On “bad days”, the situation is quite the opposite – any attempt to willingly and mindfully direct attention feels subtly painful. The breath becomes hardly recognizable and seems “small”, elusive and shallow. This may be related to some notions about the ability to focus in Dark night (?). I don’t notice that peripheral awareness becomes especially clear either, but the ability to focus tightly is hampered – focusing on small spots feels bad and doesn’t have the calming effect.

If anyone has any additional questions about these experiences, so we can clarify whether any of this is related to nanas, please feel free to ask.
thumbnail
Linda ”Polly Ester” Ö, modified 4 Years ago at 6/16/19 4:24 AM
Created 4 Years ago at 6/16/19 4:24 AM

RE: Is someone willing to diagnose my practice?

Posts: 7134 Join Date: 12/8/18 Recent Posts
Yes, the conditions vary greatly and that’s beyond our control. What we can do is continuing to stay present to our experience as it is. If it’s too much to bear and that is threatening to our balance and/or makes us behave badly, it’s important to rest and to be compassionate towards ourselves so that we can be compassionate towards others (and if we can’t feel compassionate towards ourselves, we can try to be accepting of that).
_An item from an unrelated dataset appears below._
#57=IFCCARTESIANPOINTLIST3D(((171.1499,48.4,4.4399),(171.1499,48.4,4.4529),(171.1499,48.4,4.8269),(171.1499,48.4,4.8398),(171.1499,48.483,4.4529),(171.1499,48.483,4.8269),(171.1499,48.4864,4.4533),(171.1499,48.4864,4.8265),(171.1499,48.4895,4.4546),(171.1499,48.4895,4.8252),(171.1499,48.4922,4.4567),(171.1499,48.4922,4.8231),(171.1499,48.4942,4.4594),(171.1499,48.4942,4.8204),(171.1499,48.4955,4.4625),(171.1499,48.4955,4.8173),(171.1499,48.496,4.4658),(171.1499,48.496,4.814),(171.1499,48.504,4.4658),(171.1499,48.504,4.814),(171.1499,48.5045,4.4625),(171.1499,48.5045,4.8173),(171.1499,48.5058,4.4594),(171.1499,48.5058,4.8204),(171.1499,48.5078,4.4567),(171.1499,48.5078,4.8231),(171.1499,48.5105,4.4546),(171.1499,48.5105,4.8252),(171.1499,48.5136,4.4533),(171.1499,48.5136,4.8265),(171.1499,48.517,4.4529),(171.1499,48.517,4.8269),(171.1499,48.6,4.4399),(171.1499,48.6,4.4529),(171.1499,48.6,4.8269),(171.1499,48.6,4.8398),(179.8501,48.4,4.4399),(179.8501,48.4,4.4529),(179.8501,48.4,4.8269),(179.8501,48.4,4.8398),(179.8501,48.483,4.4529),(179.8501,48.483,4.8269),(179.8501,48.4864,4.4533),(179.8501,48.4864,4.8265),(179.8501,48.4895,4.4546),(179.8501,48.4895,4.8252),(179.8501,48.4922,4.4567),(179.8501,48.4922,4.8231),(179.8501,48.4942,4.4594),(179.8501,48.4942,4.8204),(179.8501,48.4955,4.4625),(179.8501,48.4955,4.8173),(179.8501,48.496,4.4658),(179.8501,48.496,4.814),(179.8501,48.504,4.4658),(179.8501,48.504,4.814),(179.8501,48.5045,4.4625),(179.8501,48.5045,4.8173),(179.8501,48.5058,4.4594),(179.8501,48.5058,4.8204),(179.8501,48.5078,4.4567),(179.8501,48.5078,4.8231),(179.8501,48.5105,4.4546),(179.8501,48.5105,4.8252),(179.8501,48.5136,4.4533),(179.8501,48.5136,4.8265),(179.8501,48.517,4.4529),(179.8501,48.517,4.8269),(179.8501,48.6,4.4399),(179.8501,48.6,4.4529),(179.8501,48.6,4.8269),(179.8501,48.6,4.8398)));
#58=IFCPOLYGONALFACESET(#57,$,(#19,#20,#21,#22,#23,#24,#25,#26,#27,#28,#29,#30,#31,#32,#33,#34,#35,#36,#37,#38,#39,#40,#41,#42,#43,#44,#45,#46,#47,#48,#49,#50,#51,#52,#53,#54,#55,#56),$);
Diagnosing others is risky business and I really don’t know whether it is dukkha nanas or the three characteristics or something else. I find that it is helpful to get to know some personal landmarks that are reoccurring. I have had landmarks that I couldn’t place on any map but that were significant for me, and later I learned more about what they might have been. Find your own landmarks based on your own experience and get to know the quirks of your own journey and your own mind (I’m using a duality language here in lack of better words). Be specific and precise in your descriptions if you are into mapping. Then, sooner ot later, you will find a way to translate your phenomenology to the maps.
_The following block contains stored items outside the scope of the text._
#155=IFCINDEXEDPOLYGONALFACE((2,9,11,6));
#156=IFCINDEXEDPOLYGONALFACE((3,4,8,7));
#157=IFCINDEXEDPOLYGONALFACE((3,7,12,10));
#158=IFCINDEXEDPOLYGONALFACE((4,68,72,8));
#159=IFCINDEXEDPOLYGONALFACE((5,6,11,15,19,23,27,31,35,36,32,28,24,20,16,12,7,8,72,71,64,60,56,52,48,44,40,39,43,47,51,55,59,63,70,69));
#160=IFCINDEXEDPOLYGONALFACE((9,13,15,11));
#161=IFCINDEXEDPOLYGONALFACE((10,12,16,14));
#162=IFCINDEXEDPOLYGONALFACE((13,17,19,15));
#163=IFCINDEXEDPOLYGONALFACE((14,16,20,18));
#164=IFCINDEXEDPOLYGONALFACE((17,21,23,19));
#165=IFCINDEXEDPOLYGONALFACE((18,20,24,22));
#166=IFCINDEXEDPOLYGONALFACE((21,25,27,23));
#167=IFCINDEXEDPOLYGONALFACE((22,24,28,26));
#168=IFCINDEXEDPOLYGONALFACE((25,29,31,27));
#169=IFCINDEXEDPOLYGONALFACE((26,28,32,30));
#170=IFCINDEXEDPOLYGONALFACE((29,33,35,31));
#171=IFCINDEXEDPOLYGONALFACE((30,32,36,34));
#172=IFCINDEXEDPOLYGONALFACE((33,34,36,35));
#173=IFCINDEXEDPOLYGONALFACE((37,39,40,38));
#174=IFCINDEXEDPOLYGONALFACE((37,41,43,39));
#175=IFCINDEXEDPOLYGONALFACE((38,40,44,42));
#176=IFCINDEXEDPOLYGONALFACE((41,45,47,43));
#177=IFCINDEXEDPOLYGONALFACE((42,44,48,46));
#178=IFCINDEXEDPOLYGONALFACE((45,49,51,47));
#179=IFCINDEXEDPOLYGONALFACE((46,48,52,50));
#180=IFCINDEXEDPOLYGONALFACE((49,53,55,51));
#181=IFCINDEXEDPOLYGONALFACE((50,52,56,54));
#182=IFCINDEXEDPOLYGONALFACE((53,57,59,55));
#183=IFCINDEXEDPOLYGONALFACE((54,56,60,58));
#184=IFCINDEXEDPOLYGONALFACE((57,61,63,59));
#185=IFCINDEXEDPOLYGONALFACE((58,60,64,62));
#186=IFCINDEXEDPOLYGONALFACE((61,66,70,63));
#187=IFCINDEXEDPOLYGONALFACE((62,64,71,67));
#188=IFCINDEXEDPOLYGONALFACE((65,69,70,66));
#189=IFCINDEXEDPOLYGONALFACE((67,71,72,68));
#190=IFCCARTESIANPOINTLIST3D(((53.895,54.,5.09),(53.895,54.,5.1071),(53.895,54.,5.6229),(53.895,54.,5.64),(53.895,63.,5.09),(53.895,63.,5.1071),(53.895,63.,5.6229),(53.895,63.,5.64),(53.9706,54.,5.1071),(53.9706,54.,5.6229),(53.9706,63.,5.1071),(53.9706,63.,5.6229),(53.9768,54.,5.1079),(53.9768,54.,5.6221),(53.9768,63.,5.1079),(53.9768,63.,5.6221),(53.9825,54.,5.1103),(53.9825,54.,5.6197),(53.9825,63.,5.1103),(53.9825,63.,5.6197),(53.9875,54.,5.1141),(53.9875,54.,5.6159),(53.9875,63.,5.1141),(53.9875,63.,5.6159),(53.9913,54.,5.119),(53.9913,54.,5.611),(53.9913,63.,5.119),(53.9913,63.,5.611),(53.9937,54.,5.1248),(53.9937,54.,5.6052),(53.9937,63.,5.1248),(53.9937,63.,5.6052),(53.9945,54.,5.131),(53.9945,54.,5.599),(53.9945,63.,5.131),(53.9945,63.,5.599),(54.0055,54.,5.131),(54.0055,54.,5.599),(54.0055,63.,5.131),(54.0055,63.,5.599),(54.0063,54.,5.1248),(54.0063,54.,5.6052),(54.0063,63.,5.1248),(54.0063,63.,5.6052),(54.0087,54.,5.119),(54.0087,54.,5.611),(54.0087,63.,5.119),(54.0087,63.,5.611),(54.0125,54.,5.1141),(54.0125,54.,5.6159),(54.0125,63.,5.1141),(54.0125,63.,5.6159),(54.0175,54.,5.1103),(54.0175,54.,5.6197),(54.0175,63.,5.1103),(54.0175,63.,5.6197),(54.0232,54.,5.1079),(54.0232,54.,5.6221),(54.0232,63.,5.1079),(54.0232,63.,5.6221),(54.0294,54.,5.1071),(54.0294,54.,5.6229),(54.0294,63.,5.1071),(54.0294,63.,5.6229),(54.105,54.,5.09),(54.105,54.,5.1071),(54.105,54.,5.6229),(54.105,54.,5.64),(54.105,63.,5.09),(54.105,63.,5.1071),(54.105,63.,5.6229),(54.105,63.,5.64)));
As for clarity, sometimes hindrances in the form of dullness prevent me from seeing where there is clarity. Other hindrances can likely do the same. I often have difficulties finding any clarity in dissolution as that phase tends to give me brain fog and apathy. There have been moments, though, when the periphery has stood out brilliantly in dissolution. Those experiences were amazing because they challenged my perception in ways that A&P doesn’t, and very much thanks to the centerlessness and the dissolving of phenomena. I suppose that different hindrances are more prominent in different phases. Try to identify the hindrances and challenges of every phase and every moment. That’s a way to learn.